I pieced everything together here and it works fine but I know for sure that I have unnecessarily made it complicated than it is supposed to be.
- Why should I push the data into list (wordstring) ?
- Why is that I am not able to parse out if it is a get or post method from httpd log file ?
Please, show me the way and if you can, explain it to me in detail or just point me to the correct documentation site atleast.

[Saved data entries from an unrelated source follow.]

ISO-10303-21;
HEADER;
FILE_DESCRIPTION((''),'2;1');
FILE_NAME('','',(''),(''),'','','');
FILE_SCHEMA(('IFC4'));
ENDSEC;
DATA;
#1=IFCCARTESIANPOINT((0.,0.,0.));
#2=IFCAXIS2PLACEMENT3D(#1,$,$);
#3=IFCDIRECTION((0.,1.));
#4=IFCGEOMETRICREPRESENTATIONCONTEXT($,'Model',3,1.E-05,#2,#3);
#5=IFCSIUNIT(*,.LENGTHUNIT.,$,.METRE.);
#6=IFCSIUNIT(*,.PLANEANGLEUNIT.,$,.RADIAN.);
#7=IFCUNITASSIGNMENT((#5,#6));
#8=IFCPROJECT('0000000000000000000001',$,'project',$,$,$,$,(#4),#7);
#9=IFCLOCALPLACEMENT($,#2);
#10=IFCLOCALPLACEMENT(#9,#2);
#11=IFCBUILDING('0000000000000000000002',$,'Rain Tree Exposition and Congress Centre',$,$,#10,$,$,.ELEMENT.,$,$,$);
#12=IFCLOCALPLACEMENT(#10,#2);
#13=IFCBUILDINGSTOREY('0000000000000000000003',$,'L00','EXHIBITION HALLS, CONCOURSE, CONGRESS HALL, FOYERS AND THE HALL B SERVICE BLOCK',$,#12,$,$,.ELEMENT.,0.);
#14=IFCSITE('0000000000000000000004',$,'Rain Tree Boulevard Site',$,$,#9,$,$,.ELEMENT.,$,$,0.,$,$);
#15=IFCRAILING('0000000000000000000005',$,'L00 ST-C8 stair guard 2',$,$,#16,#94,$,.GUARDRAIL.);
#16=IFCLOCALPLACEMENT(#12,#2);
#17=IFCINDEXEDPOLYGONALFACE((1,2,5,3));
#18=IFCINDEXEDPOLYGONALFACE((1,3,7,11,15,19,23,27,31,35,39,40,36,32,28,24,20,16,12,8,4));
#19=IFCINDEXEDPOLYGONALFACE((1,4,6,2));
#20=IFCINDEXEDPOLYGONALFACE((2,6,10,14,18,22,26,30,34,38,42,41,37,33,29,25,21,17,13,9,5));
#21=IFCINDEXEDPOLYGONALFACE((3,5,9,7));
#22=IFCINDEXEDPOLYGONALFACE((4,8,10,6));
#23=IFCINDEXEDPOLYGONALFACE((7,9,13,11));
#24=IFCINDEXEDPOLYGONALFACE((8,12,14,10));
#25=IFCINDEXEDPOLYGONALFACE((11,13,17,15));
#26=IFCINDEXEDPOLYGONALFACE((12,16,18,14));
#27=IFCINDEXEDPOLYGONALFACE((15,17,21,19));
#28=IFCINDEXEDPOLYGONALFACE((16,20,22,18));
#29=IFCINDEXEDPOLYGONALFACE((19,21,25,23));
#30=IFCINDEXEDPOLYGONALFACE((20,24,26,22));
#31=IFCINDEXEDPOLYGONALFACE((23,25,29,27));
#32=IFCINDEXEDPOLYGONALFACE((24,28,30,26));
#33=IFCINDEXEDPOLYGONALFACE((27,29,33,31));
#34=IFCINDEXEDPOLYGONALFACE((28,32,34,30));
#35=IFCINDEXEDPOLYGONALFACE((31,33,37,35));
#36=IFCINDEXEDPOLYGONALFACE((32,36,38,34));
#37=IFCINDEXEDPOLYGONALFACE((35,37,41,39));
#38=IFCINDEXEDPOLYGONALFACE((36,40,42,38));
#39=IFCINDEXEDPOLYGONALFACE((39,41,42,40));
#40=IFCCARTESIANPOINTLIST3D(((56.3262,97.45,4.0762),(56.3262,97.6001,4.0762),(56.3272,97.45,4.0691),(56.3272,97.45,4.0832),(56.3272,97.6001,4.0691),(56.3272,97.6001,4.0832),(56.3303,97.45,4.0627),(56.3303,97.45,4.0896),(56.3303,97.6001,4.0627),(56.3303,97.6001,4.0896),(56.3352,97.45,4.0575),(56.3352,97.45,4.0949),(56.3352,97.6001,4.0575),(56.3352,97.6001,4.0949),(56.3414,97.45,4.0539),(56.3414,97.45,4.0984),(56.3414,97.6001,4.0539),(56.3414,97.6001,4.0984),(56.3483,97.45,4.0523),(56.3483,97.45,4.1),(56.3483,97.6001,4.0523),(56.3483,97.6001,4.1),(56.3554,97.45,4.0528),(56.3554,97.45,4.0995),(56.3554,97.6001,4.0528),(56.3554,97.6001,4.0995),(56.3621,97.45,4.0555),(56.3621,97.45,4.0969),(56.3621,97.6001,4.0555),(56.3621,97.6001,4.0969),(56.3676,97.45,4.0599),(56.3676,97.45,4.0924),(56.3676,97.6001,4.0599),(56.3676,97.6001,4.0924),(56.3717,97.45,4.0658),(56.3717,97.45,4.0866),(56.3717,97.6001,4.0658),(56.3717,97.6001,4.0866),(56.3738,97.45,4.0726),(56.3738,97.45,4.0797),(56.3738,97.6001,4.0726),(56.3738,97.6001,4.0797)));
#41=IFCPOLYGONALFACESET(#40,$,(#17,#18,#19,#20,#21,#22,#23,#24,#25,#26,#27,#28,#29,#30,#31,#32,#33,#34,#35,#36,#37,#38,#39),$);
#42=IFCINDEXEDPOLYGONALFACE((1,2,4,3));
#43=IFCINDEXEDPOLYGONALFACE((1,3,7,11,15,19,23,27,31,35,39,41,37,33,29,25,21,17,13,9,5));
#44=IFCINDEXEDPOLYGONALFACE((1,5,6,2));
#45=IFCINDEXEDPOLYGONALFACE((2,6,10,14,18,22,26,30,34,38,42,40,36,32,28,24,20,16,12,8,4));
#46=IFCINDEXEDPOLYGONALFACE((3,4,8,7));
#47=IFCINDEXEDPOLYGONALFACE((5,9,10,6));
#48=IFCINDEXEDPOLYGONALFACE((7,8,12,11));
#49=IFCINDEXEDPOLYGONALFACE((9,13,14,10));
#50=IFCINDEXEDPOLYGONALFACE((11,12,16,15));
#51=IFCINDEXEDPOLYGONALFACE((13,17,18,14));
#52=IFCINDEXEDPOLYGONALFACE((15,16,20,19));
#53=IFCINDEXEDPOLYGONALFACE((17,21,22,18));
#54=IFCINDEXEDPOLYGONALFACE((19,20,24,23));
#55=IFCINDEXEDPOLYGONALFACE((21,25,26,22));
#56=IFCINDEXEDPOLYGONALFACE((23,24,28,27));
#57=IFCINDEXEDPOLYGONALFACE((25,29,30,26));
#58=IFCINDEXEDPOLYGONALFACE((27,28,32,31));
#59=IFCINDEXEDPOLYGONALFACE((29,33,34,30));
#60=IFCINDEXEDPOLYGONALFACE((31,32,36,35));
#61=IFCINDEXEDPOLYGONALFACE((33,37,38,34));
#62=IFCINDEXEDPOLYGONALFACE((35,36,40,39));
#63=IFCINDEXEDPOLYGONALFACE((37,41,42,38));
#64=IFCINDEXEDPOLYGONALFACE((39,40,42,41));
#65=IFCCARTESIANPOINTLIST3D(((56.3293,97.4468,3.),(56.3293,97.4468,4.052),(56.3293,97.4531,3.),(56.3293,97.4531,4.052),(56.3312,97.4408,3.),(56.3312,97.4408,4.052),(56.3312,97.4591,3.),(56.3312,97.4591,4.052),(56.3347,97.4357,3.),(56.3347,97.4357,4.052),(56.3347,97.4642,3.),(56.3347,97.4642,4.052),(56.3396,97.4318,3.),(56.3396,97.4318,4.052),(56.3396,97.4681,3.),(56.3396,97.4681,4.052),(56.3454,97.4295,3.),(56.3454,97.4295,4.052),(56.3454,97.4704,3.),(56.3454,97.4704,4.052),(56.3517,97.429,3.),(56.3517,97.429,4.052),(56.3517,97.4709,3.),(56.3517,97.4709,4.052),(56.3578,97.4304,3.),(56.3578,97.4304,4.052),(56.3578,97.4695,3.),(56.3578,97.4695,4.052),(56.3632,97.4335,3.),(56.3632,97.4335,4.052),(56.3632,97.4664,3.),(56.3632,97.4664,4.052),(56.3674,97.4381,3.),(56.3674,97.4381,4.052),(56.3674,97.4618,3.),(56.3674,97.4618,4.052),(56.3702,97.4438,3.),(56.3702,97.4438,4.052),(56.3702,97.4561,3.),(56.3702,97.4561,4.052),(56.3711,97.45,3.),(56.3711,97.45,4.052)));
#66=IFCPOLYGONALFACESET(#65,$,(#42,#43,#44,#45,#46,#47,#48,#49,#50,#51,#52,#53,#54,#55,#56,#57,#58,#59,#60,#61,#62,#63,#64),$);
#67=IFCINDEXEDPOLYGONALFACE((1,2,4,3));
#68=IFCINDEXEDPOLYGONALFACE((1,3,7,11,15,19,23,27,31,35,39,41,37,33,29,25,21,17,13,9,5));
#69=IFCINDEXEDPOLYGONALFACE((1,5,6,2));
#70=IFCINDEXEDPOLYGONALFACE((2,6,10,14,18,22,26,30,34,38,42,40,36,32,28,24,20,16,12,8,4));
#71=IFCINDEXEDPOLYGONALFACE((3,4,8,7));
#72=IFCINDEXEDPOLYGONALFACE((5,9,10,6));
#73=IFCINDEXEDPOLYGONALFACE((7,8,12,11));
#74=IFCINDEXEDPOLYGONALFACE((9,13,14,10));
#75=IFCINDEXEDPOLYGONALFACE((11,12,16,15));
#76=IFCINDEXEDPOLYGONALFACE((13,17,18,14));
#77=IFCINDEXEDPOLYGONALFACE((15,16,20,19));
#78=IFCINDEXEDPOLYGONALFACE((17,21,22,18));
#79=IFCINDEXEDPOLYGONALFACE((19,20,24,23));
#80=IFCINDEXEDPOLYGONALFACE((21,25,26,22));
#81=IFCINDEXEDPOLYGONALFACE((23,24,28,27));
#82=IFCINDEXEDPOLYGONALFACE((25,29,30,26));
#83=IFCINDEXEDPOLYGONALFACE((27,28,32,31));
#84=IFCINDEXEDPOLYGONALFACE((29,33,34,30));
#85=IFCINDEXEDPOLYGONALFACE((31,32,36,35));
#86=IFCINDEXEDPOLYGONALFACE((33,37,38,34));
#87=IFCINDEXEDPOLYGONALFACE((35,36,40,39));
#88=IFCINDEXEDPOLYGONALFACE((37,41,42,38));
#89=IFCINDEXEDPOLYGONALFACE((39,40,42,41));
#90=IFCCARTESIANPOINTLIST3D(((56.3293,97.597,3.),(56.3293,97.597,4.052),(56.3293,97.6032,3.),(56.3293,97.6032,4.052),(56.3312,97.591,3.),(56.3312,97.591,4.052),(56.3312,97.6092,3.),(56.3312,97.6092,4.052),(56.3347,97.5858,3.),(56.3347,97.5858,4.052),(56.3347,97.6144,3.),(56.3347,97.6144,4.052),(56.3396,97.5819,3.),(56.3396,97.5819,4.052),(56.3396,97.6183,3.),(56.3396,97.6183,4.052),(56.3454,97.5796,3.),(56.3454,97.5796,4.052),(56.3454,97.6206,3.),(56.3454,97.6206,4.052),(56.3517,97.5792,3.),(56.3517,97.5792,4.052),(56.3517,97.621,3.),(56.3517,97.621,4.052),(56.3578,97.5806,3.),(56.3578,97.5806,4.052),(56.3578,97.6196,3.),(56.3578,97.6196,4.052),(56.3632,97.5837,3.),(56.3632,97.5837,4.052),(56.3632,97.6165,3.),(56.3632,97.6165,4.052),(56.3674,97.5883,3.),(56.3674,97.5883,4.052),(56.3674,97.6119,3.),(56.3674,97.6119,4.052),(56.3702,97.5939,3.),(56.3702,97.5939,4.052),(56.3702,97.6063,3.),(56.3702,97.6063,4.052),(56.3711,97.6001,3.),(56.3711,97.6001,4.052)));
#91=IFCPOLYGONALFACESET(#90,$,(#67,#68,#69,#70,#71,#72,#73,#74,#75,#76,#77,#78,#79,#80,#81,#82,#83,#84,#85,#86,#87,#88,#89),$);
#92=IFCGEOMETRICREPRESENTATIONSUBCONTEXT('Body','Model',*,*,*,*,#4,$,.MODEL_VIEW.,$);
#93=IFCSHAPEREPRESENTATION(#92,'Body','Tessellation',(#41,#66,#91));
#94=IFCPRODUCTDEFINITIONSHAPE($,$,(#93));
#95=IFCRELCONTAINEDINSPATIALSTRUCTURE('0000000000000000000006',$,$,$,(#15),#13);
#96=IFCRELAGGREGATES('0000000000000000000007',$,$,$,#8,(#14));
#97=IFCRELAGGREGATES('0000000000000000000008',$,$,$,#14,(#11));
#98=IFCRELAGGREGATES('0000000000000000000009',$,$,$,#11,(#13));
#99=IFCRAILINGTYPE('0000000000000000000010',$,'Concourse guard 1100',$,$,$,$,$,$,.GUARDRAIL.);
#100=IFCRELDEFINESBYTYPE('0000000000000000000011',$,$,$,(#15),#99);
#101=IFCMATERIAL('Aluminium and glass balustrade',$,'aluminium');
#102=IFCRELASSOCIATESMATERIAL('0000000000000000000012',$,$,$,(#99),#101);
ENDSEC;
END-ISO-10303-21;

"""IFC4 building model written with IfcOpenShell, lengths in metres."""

from ifc_helpers import new_model, si_unit, direction, frame, origin, origin_2d, place, context, subcontext, project, spatial, circle, extrude, material, type_object, element, save


model = new_model("IFC4")

# Units and contexts
model_context = context("Model", 3, precision=1e-05, world=origin(), true_north=direction((0.0, 1.0)))
body_context = subcontext(model_context, "Body", "Model", "MODEL_VIEW")
ifc_project = project(units=[si_unit("LENGTHUNIT", "METRE"), si_unit("PLANEANGLEUNIT", "RADIAN")], contexts=[model_context])

# Site, building, storey
site_placement = place(None, origin())
site = spatial("IfcSite", under=ifc_project, at=site_placement, Name="Rain Tree Boulevard Site", CompositionType="ELEMENT", RefElevation=0.0)
building_placement = place(site_placement, origin())
building = spatial("IfcBuilding", under=site, at=building_placement, Name="Rain Tree Exposition and Congress Centre", CompositionType="ELEMENT")
storey_placement = place(building_placement, origin())
storey = spatial("IfcBuildingStorey", under=building, at=storey_placement, Name="L00", Description="EXHIBITION HALLS, CONCOURSE, CONGRESS HALL, FOYERS AND THE HALL B SERVICE BLOCK", CompositionType="ELEMENT", Elevation=0.0)

# Railing
ifc_material_1 = material(Name="Aluminium and glass balustrade", Category="aluminium")
railing_type_1 = type_object("IfcRailingType", Name="Concourse guard 1100", PredefinedType="GUARDRAIL", material=ifc_material_1)
railing_1_placement = place(storey_placement, frame((56.3501, 97.45, 3.0)))
element("IfcRailing", 1, at=railing_1_placement, inside=storey, type_object=railing_type_1, Name="L00 ST-C8 stair guard 2", PredefinedType="GUARDRAIL", context=body_context, shape_type="SweptSolid", body=[
    extrude(circle(Radius=0.0239, at=origin_2d()), frame((0.0, 0.0, 1.0762), z_axis=(0.0, 1.0, 0.0), x_axis=(-1.0, 0.0, 0.0)), (0.0, 0.0, 1.0), 0.1501),
    extrude(circle(Radius=0.021, at=origin_2d()), origin(), (0.0, 0.0, 1.0), 1.052),
    extrude(circle(Radius=0.021, at=origin_2d()), frame((0.0, 0.1501, 0.0)), (0.0, 0.0, 1.0), 1.052),
])

save(model, "model.ifc")
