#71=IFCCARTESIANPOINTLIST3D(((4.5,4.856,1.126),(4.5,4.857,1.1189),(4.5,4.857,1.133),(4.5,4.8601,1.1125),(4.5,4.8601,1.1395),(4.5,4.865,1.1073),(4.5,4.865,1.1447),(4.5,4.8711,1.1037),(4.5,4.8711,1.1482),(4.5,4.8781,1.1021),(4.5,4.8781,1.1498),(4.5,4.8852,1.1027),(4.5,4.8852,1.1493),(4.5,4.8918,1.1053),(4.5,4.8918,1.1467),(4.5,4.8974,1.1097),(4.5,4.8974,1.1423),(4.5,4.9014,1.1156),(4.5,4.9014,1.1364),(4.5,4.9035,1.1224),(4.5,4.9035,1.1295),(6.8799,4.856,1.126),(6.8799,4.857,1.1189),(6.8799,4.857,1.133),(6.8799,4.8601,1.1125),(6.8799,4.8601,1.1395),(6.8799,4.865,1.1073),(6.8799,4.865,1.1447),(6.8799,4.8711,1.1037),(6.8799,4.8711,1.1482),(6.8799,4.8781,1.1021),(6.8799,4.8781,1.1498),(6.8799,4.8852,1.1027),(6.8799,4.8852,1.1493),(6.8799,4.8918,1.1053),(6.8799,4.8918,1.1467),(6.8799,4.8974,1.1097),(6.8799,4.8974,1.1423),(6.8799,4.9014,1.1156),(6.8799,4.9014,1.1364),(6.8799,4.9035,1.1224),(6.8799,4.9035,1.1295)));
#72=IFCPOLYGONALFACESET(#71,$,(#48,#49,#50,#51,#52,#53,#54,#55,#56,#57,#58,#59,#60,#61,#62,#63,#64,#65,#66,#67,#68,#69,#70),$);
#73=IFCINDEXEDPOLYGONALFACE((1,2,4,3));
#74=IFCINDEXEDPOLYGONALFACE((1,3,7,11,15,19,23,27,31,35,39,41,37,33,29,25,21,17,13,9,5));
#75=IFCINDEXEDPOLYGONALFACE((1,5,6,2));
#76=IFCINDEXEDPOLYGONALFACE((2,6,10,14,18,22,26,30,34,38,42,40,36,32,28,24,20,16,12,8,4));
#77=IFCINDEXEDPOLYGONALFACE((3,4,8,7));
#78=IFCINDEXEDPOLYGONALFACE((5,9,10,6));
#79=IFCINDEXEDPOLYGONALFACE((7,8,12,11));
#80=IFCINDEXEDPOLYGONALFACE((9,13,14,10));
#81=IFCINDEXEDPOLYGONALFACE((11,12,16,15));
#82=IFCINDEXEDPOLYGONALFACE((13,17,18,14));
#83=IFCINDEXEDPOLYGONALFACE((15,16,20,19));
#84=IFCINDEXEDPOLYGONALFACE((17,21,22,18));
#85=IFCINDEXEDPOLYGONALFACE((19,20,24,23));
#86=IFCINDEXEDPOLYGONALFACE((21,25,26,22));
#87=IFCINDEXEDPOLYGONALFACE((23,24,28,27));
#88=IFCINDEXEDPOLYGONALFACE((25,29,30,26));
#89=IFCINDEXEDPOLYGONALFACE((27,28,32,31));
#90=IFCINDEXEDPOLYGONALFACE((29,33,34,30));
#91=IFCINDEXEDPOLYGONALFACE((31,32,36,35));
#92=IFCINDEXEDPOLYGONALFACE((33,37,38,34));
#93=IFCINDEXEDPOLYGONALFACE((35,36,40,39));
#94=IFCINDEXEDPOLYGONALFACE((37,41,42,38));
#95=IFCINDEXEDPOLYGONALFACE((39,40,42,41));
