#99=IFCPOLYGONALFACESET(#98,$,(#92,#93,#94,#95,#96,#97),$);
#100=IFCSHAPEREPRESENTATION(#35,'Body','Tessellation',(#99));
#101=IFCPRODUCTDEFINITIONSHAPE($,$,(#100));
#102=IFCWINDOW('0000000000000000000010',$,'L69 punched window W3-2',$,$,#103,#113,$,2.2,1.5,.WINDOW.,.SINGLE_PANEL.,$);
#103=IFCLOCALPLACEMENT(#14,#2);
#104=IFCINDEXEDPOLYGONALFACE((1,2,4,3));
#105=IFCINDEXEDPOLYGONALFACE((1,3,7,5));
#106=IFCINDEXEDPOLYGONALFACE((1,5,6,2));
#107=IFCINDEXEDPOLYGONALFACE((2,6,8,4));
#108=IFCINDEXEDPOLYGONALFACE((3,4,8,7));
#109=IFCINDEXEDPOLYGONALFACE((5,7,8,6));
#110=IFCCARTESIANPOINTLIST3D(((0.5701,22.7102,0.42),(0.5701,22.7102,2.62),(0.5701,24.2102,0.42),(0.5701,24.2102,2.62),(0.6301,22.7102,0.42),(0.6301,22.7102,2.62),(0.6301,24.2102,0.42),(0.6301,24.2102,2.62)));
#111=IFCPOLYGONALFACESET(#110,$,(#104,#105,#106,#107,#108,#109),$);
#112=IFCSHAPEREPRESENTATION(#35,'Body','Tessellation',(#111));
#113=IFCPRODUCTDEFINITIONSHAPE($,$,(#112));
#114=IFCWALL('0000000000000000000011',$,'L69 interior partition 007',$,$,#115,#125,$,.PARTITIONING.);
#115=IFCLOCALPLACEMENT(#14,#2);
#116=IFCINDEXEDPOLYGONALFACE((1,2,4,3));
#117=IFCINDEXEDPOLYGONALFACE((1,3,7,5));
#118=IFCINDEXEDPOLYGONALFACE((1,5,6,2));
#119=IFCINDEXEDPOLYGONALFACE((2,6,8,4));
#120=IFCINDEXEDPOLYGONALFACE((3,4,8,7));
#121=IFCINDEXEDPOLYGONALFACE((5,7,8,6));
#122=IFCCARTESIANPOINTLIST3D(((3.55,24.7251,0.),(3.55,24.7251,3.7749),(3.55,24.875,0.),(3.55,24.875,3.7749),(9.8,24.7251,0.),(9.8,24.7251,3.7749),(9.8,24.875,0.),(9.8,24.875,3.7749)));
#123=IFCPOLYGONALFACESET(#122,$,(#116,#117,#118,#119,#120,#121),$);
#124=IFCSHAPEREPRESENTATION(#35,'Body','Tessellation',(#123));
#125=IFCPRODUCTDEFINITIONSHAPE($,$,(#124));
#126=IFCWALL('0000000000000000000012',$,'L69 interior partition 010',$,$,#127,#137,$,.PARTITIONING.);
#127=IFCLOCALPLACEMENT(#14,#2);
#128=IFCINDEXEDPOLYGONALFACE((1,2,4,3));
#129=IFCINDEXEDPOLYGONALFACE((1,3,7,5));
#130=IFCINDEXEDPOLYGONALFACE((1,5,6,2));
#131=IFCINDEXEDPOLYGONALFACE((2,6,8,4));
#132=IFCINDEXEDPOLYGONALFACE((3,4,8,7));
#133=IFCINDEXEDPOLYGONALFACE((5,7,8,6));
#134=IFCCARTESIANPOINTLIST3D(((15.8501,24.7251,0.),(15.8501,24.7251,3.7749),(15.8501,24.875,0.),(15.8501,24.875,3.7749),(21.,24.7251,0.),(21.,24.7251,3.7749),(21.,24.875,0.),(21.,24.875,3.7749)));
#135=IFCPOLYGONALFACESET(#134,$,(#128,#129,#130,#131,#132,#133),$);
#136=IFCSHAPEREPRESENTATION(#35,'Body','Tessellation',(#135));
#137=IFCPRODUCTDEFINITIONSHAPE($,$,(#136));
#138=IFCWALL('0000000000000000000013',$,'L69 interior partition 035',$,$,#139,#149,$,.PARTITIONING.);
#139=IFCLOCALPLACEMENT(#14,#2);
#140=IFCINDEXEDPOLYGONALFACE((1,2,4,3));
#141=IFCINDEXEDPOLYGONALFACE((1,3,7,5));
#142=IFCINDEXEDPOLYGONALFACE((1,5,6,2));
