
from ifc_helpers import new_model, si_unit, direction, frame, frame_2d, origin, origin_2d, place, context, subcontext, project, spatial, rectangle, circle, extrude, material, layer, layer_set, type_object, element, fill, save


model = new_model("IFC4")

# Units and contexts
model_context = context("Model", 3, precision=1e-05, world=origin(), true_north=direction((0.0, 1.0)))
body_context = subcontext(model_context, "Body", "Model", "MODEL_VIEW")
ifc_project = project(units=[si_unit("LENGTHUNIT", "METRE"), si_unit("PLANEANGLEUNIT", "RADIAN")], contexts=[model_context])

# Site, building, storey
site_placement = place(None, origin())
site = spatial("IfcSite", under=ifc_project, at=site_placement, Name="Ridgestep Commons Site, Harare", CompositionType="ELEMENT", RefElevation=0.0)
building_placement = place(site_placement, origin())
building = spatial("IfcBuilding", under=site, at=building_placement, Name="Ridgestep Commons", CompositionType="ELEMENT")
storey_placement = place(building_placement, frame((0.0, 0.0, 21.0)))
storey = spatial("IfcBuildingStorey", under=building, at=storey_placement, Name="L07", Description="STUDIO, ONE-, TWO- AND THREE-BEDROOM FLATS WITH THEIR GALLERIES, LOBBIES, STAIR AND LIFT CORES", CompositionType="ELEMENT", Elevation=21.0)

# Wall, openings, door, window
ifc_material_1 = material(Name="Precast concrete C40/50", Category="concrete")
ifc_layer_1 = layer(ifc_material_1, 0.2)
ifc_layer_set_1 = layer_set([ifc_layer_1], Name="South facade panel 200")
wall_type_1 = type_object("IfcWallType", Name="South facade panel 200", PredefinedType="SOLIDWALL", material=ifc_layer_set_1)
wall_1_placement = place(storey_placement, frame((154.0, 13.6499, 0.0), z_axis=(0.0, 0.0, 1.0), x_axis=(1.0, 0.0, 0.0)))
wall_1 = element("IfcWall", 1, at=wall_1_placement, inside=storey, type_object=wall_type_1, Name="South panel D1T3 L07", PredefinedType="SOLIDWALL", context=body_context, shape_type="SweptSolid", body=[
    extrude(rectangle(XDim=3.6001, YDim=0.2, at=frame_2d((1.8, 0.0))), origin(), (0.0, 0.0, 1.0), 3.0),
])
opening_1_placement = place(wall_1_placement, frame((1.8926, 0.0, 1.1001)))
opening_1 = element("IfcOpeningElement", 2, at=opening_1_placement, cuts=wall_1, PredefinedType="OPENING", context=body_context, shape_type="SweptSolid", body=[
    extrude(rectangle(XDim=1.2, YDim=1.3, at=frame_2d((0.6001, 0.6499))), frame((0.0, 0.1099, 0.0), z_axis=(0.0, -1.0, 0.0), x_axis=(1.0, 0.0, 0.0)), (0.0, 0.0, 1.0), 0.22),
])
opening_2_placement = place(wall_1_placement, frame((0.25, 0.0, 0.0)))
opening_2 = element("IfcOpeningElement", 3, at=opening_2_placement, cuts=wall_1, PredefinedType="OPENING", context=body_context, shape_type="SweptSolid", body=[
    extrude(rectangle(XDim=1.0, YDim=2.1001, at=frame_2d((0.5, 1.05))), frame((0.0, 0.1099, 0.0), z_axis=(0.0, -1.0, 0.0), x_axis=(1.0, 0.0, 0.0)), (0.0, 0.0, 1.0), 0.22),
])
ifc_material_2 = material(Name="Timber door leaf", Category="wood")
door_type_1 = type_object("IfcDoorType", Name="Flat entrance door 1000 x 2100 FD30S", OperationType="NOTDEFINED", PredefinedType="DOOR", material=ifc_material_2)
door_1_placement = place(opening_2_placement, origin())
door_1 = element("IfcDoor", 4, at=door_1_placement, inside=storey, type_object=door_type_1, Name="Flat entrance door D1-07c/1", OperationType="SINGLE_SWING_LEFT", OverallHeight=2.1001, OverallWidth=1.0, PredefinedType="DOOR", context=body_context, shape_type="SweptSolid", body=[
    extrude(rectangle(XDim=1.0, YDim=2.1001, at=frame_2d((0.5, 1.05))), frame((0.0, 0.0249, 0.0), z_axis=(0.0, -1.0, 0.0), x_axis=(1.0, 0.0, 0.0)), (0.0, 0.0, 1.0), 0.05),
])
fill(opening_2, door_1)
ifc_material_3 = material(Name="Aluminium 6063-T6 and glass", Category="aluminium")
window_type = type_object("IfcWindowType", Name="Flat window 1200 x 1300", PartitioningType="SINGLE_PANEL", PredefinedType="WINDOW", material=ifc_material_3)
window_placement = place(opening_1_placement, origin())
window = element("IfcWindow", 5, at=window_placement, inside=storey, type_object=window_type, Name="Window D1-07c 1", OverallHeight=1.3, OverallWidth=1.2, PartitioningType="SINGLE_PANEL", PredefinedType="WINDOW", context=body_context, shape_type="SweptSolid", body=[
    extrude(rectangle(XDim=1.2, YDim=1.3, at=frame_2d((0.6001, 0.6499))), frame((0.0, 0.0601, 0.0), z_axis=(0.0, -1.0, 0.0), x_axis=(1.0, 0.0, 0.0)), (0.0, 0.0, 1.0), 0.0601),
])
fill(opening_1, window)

manoharmahostav@ma-host:~/files$ python log_file_analyse.py
Stuff
GET: 1595922
PUT: 30
POST: 26
manoharmahostav@ma-host:
manoharmahostav@ma-host:~/files$ cat log_file_analyse.py
#!/usr/bin/env python
import collections
from collections import Counter
from collections import defaultdict
#fname = 'testfile.txt'
fname = 'apache.log'
wordstring = []
c = collections.Counter()
with open(fname, 'r') as fh:
for line in fh:
if len(line.strip()):
splitlines = line.split('"')[1]
another = splitlines.split()[0]
wordstring.append(another)
c = Counter(wordstring)
print("Stuff")
for letter, count in c.most_common(30):
print( '%s: %7d' % (letter, count))
manoharmahostav@ma-host:~/files$
manoharmahostav@ma-host:~/files$ head testfile.txt
64.242.88.10 - - [07/Mar/2004:16:05:49 -0800] "GET /twiki/bin/edit/Main/Double_bounce_sender?topicparent=Main.ConfigurationVariables HTTP/1.1" 401 12846
64.242.88.10 - - [07/Mar/2004:16:06:51 -0800] "GET /twiki/bin/rdiff/TWiki/NewUserTemplate?rev1=1.3&rev2=1.2 HTTP/1.1" 200 4523
64.242.88.10 - - [07/Mar/2004:16:10:02 -0800] "GET /mailman/listinfo/hsdivision HTTP/1.1" 200 6291
64.242.88.10 - - [07/Mar/2004:16:11:58 -0800] "GET /twiki/bin/view/TWiki/WikiSyntax HTTP/1.1" 200 7352
64.242.88.10 - - [07/Mar/2004:16:20:55 -0800] "GET /twiki/bin/view/Main/DCCAndPostFix HTTP/1.1" 200 5253
---------- Post updated at 02:41 AM ---------- Previous update was at 12:41 AM ----------
After due efforts, here is what I have and this looks a bit cleaner but this is not any faster than the previous version that I posted in here.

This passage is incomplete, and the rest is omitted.